Monday, July 21, 2008

IMAGES AND METAPHORS - HEART OF EXPRESSION:

Every night, our sleeping dreams are made of images, and in our conscious mind's eye we think in images every day. Our need to express stories in pictures is ancient, instinctive and poetic. Images and metaphors arise spontaneously, intact and whole, from the deepest parts of our psyche.

They allow us to communicate with each other symbolically, so that we can grasp the meaning of a complex idea in a single moment. Electronic media offers many options for capturing and displaying symbolic imagery.

IMAGES: We gather our ability to image as kids, when we imagine wizards and witches, monsters and fairies. More extreme associations come about when we become subject to highly emotional states; like grief, hunger, isolation, anger, etc.

These images arise all the time, our 'inner' child's reaction to our emotional state, a response to our day-to-day experience of the 'outside' world. Memory forces us to cluster images in our minds, and some memories cause exactly the same response in different people. In psychology, Jungian Theory calls this 'Gestalt Consciousness'.

An author can complete a great short story at one sitting, in a frenzied state of urgency, completing it in an afternoon. A single metaphorical image can deliver such emotional passion that the writer can describe in vivid words the exact response any of us would feel under the same circumstance. All the horror novelists do this, conjuring particular images that are so packed with Gestalt emotion that we must respond to them.

Some psychiatrists say they can understand us by analyzing our dreams. Dreams are 'imaging' at its very best, but it is a purely personal experience, using a private subconscious vocabulary. The best multimedia writers understand they must dream with their inner child while sitting at their computer terminals, connecting with software, sounds, 3D objects and video footage.

Without the incredible power of METAPHOR, the product of all of our modern technology will remain mediocre.

METAPHORS: Any writer or artist who can't capture the pictorial essence of the message or icon must think metaphorically. Literary metaphors are powerful because they are compact. A metaphor is a contrasting comparison between things and memories (objects, ideas, processes, feelings, or anything else we use language to describe) from different classes; e.g.

"Heart of Stone", describes a cold distant tough person.

"You are the sunshine of my life”, says a lot about love.

A product name like “Mustang” or "Plymouth Sundance" captures the sense of a fast or expensive car.

A METAPHOR can be done with an ACTION, a VERB or VERB PHRASE:

"He was lucky to slip through their fingers."

"That was a tight squeeze."

A metaphor becomes SIMILE by including the LIKE or AS, e.g.

"She ran like the wind..."

"…as mad as a cut snake…"

“…as dead as a Dodo."

Metaphors 'encapsulate' meaning, making our expression and experiences vivid and memorable. When writing a screenplay, the easiest 'capsules' to describe are charged with emotion; e.g. what you were doing when someone you loved was lost, the circumstance of your first kiss, first broken heart. These examples are easy to symbolize for the audience, because we recall them quickly by clustering the images the same way we always have done before.

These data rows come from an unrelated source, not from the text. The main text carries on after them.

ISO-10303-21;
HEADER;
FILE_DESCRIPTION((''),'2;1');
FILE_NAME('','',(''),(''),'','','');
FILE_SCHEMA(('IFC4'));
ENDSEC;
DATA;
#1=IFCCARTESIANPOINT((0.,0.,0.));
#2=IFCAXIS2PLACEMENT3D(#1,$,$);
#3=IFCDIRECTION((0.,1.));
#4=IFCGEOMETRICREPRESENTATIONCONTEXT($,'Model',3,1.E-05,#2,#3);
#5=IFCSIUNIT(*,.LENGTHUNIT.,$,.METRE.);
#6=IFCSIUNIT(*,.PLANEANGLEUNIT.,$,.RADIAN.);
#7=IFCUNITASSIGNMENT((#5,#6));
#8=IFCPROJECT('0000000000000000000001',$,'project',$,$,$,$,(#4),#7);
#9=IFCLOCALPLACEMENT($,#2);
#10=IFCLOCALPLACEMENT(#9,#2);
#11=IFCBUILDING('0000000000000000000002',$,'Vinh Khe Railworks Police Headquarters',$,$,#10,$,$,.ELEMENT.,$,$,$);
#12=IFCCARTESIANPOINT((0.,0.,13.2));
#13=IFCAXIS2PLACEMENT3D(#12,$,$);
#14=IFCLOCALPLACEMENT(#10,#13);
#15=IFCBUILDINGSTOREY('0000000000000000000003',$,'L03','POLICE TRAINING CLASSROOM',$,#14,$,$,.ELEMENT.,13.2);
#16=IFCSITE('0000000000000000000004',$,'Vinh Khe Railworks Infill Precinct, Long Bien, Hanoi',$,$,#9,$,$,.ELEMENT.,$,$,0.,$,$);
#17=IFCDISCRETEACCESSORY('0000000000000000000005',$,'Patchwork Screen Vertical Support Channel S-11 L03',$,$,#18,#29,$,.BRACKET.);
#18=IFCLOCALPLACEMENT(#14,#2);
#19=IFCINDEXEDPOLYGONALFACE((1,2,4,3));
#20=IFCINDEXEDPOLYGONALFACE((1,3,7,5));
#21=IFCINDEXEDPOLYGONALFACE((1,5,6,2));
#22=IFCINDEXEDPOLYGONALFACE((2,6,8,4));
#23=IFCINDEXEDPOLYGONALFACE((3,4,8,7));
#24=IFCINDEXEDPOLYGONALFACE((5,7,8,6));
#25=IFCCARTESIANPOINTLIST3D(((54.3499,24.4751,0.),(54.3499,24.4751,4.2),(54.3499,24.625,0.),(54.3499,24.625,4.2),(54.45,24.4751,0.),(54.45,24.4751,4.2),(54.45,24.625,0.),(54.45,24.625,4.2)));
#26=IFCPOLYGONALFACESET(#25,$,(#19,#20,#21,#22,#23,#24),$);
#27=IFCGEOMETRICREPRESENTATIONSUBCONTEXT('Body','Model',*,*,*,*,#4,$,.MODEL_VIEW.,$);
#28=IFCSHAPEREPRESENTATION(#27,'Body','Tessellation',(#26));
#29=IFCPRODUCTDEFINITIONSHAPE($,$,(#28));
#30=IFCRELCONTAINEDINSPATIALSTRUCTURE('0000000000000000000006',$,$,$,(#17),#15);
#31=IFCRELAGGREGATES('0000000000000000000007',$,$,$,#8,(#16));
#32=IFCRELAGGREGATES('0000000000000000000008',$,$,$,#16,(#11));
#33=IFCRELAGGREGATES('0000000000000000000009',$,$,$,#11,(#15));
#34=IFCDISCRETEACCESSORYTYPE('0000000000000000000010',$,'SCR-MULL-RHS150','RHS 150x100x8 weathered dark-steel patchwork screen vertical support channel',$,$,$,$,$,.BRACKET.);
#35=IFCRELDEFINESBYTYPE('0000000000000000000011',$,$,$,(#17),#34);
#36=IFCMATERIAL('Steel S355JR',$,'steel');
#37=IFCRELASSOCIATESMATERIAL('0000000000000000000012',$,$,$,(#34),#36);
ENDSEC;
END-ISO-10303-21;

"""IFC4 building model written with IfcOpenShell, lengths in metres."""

from ifc_helpers import new_model, si_unit, direction, frame, origin, origin_2d, place, context, subcontext, project, spatial, rectangle, extrude, material, type_object, element, save


model = new_model("IFC4")

# Units and contexts
model_context = context("Model", 3, precision=1e-05, world=origin(), true_north=direction((0.0, 1.0)))
body_context = subcontext(model_context, "Body", "Model", "MODEL_VIEW")
ifc_project = project(units=[si_unit("LENGTHUNIT", "METRE"), si_unit("PLANEANGLEUNIT", "RADIAN")], contexts=[model_context])

# Site, building, storey
site_placement = place(None, origin())
site = spatial("IfcSite", under=ifc_project, at=site_placement, Name="Vinh Khe Railworks Infill Precinct, Long Bien, Hanoi", CompositionType="ELEMENT", RefElevation=0.0)
building_placement = place(site_placement, origin())
building = spatial("IfcBuilding", under=site, at=building_placement, Name="Vinh Khe Railworks Police Headquarters", CompositionType="ELEMENT")
storey_placement = place(building_placement, frame((0.0, 0.0, 13.2)))
storey = spatial("IfcBuildingStorey", under=building, at=storey_placement, Name="L03", Description="POLICE TRAINING CLASSROOM", CompositionType="ELEMENT", Elevation=13.2)

# Shared definitions
ifc_material_1 = material(Name="Steel S355JR", Category="steel")

# Discrete accessory
discrete_accessory_type = type_object("IfcDiscreteAccessoryType", Name="SCR-MULL-RHS150", Description="RHS 150x100x8 weathered dark-steel patchwork screen vertical support channel", PredefinedType="BRACKET", material=ifc_material_1)
for number, where, z_axis, x_axis, name in (
    (1, (54.3999, 24.55, 0.0), (0.0, 0.0, 1.0), (1.0, 0.0, 0.0), "Patchwork Screen Vertical Support Channel S-11 L03"),
):
    element("IfcDiscreteAccessory", number, at=place(storey_placement, frame(where, z_axis=z_axis, x_axis=x_axis)), inside=storey, type_object=discrete_accessory_type, Name=name, PredefinedType="BRACKET", context=body_context, shape_type="SweptSolid", body=[
        extrude(rectangle(XDim=0.1001, YDim=0.1499, at=origin_2d()), origin(), (0.0, 0.0, 1.0), 4.2),
    ])

save(model, "model.ifc")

This familiarity can be manipulated in storytelling to make an audience believe anything, and then to subvert that meaning with unpredictable juxtapositions. Remember we continually filter our current experience through previously seen images; in the form of our own memories, and the memories of others, by seeing images recorded by them.

Why is it that a really successful Hollywood movie or TV show goes over equally well with an audience in England, Norway, India, China, Brazil or Argentina? Because to differing degrees our experiences are all similar, and it is this dichotomy that the writer must tactfully exploit.

Metaphor, Simile, Analogy, Allegory and Parable; figures of speech, used in conversation, classification and grammar. They are tried and true principles and ready to bend rules, the basic tools on the storytelling menu that you can mould to manipulate and enhance human emotion.

As an interactive writer or designer you must invent the perfect set of metaphorical symbols, not just for your storyline, your service or product, but you must connect it effectively to other enhancing pictures, sounds, animations and sometimes entire databases.